By Section Formula ,$ E(x, y) = [{{ m_1x_2 + m_2x_1 } \over {m_1 + m_2} } ,{{ m_1y_2 + m_2y_1 } \over {m_1 + m_2} }]$

Here, x and y coordinate of point D, x₁ = 0 and y₁ = 5

And, x and y coordinate of point B, x₂ = 2 and y₂ = 8

Using Section Formula, we have :

$$ x = {{ m_1x_2 + m_2x_1 } \over {m_1 + m_2} } $$

$$ x = {{(1 × 2)+ (1 × 0) } \over {1 + 1} } $$

$$ x = {{2 - 0 } \over {2} } $$

$$ x = {{2 } \over {2} } $$

$$ x = 1 $$

And Y :

$$ y = {{ m_1y_2 + m_2y_1 } \over {m_1 + m_2} } $$

$$ x = {{(1 × 8)+ (1 × 5) } \over {1 + 1} } $$

$$ y = {{8 + 5 } \over {2} } $$

$$ y = {13 \over 2} $$

Therefore, the co-ordinates of point E (x,y ) are ((1 ,${13 \over 2}$)

Question 10

Find the area of a rhombus if its vertices are (3, 0), (4, 5), (-1, 4) and (-2, -1) taken in order..

Solution :

Let co-ordinates of rhombus be A(3, 0), B(4, 5), C(-1, 4) and D(-2, -1).
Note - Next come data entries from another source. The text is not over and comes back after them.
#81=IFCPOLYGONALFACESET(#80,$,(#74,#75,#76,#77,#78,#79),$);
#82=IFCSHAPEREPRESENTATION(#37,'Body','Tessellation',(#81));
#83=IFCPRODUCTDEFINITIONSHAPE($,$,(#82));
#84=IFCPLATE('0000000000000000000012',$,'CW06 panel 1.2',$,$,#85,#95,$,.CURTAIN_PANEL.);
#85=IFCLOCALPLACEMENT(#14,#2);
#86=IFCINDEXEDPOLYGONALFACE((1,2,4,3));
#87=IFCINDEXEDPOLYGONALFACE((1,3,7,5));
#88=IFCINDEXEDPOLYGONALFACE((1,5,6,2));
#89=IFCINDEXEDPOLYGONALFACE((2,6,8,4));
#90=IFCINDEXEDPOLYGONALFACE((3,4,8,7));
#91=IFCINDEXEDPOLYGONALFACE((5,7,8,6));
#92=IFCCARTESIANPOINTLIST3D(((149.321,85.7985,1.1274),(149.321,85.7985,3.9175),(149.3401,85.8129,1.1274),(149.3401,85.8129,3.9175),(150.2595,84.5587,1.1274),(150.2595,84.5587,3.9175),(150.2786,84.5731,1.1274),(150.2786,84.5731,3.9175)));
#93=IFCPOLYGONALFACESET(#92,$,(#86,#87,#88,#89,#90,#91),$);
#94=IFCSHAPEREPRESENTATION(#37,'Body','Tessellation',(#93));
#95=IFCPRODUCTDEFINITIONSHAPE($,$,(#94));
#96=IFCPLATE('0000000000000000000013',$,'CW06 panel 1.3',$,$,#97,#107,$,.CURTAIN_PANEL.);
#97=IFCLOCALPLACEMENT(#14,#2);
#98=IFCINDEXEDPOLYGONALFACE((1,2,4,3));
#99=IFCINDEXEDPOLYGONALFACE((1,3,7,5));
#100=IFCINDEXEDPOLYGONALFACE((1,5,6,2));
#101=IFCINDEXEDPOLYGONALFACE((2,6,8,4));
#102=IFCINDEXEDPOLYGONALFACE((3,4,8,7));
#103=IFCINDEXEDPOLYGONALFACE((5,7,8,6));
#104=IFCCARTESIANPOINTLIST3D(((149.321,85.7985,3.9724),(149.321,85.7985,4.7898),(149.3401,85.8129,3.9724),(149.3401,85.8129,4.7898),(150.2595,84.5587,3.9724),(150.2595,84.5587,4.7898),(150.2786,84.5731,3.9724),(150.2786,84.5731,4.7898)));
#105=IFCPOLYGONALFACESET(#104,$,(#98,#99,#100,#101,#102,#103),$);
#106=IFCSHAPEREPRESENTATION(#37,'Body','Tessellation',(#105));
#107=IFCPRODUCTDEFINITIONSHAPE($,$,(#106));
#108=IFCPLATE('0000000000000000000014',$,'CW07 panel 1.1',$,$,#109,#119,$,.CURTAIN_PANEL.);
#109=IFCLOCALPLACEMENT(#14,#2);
Calculation of distance between A and C

Here, x and y coordinate of point A , x₁ = 3 and y₁ = 0

And, x and y coordinate of point C, x₂ = -1 and y₂ = 4

( We know that, in a plane distance between two given points AC = $\sqrt{ (x_2 - x_1)^2 + (y_2 - y_1)^2 }$ )

Thus using distance formula, Putting Values in formula we have :

$$⇒ \sqrt{ (-1 - 3)^2 + (4 - 0)^2 }$$

$$⇒ \sqrt{ (-4 )^2 + (4 )^2 }$$

$$⇒ \sqrt{ 16 + 16 }$$

$$⇒ \sqrt{ 32 }$$

$$ AC = 4\sqrt{ 2 }$$

Calculation of distance between B and D

Here, x and y coordinate of point B , x₁ = 4 and y₁ = 5

And, x and y coordinate of point D, x₂ = -2 and y₂ = -1

Thus using distance formula, Putting Values in formula we have :

$$⇒ \sqrt{ (-2 - 4)^2 + (-1 - 5)^2 }$$

$$⇒ \sqrt{ (-6 )^2 + (-6 )^2 }$$

$$⇒ \sqrt{ 36 + 66 }$$

$$⇒ \sqrt{ 72 }$$

$$ BD = 6\sqrt{ 2 }$$

Area of rhombus (A) = 1/2 × Product of diagonals

$$⇒ {1\over 2}× 4\sqrt{ 2 } × 6\sqrt{ 2 }$$

$$⇒ {1\over 2}× 24 × 2 $$

$$⇒ {1\over 2}× 48$$

$$ = 24 $$

Hence, area of rhombus = 24 sq. units.